Bab 2

Dani begitu bersemangat mendengar Ayang menyetujui tawaran yang ia tawarkan. Bergegas ia membawa Ayang kerumah Memi---mucikari yang di kenalnya.

Setibanya di sana, mami Memi menelisik tubuh Ayang dari atas sampai bawah.

"Cantik sih. Tapi dia kudu di poles lagi biar lebih menarik." Mami Memi bergumam sambil mengitari tubuh Ayang.

Dani menyeringai kesenangan mendengar perkataan wanita itu.
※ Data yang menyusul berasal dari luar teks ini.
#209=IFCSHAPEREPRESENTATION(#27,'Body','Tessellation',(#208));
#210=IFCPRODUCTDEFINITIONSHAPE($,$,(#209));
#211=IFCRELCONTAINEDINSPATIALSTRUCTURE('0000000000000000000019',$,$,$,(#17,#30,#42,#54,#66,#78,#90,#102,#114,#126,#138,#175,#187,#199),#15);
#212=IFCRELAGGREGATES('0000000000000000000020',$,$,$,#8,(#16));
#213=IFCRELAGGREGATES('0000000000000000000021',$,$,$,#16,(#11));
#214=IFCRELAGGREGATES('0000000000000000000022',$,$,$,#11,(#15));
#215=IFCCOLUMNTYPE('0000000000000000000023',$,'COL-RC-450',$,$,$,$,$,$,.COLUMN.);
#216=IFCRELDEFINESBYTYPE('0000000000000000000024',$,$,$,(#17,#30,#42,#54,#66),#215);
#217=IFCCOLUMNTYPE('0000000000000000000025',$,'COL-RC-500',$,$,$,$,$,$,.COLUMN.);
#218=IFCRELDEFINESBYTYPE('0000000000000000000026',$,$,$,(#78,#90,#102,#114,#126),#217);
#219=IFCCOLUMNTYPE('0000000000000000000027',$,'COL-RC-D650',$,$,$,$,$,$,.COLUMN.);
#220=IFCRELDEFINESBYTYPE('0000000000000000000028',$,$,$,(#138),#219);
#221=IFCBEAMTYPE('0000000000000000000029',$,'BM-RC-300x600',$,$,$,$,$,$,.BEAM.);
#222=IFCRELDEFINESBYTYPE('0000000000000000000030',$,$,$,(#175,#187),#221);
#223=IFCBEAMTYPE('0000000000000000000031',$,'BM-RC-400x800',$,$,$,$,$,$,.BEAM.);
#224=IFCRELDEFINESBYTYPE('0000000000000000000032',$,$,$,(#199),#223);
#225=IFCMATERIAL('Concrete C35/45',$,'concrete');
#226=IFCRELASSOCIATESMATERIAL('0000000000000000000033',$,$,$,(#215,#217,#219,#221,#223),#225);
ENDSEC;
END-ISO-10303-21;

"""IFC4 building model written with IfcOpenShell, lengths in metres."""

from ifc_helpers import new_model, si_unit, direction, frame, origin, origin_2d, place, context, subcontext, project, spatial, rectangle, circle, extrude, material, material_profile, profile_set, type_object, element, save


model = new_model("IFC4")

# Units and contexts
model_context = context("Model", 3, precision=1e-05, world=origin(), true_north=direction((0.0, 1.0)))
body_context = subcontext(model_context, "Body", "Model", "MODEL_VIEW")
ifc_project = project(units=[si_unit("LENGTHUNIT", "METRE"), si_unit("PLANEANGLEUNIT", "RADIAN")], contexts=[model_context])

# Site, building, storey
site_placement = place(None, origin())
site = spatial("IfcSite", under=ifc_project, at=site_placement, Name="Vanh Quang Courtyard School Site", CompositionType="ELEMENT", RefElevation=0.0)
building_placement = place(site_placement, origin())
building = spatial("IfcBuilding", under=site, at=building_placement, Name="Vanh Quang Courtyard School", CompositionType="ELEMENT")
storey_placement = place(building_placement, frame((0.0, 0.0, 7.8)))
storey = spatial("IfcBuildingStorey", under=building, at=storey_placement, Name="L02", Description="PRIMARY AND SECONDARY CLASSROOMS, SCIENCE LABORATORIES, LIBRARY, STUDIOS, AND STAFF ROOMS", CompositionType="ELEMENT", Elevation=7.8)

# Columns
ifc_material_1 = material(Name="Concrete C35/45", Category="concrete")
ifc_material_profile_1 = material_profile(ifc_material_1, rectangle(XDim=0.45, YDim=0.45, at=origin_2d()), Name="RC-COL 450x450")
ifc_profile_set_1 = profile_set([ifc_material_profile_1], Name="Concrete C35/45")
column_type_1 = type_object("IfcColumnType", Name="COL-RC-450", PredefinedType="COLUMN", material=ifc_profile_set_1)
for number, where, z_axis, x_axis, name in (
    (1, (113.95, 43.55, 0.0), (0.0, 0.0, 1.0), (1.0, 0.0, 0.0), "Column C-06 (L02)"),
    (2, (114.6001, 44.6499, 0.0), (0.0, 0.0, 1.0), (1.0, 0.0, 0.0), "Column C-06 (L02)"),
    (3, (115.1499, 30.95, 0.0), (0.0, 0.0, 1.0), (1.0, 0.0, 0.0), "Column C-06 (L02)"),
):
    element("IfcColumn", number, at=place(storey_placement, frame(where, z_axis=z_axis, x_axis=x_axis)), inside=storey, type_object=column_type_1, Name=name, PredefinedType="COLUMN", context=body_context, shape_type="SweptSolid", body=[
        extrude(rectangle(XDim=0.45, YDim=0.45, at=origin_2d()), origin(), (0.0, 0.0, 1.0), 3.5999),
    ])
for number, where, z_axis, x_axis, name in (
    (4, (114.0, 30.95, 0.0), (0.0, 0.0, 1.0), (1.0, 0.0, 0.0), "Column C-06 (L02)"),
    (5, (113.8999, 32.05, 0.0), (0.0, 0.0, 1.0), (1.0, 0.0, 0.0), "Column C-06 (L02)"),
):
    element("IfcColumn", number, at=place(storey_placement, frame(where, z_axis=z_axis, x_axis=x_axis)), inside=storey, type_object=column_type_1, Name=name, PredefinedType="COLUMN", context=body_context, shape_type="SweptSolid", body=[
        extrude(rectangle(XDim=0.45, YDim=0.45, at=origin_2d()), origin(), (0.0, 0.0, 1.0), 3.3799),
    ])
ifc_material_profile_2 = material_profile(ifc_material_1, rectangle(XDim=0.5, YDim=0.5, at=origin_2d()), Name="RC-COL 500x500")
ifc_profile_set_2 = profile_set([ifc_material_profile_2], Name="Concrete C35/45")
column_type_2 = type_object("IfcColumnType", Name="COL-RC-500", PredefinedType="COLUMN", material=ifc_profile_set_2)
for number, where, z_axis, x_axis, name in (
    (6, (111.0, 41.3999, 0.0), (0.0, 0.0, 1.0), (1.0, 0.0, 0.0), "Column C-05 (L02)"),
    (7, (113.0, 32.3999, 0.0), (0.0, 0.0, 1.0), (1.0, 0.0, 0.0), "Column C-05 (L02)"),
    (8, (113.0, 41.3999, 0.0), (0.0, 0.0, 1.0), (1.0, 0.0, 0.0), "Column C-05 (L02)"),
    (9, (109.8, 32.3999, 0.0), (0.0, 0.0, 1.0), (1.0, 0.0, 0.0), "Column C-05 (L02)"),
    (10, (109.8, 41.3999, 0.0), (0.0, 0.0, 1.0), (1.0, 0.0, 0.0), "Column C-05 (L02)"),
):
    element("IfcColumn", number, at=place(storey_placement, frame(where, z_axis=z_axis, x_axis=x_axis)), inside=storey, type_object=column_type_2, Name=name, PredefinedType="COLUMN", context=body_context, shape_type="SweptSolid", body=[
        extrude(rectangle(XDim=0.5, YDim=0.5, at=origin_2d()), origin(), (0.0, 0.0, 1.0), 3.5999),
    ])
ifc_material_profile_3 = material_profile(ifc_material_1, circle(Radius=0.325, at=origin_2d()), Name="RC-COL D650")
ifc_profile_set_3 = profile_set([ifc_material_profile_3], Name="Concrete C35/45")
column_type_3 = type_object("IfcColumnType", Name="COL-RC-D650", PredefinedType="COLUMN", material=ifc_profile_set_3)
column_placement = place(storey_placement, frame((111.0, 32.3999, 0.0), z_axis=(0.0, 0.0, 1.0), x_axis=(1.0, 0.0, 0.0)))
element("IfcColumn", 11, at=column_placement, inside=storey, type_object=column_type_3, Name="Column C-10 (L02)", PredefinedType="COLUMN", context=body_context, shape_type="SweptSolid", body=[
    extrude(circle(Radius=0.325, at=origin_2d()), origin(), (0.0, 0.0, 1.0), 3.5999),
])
Tapi tidak dengan Ayang, ia tampak tegang dan ketakutan. Jemarinya dibawah sana tengah menggulung-gulung kain batik jawa yang di pakainya. Raut kecemasan tergambar jelas di wajahnya, namun berkali-kali ia menguatkan diri, mengingat ibunda tercinta yang tengah terbaring di rumah sakit.

"Berapa umur you?" tanya mami Memi pada Ayang sambil menyalakan sebatang rokok.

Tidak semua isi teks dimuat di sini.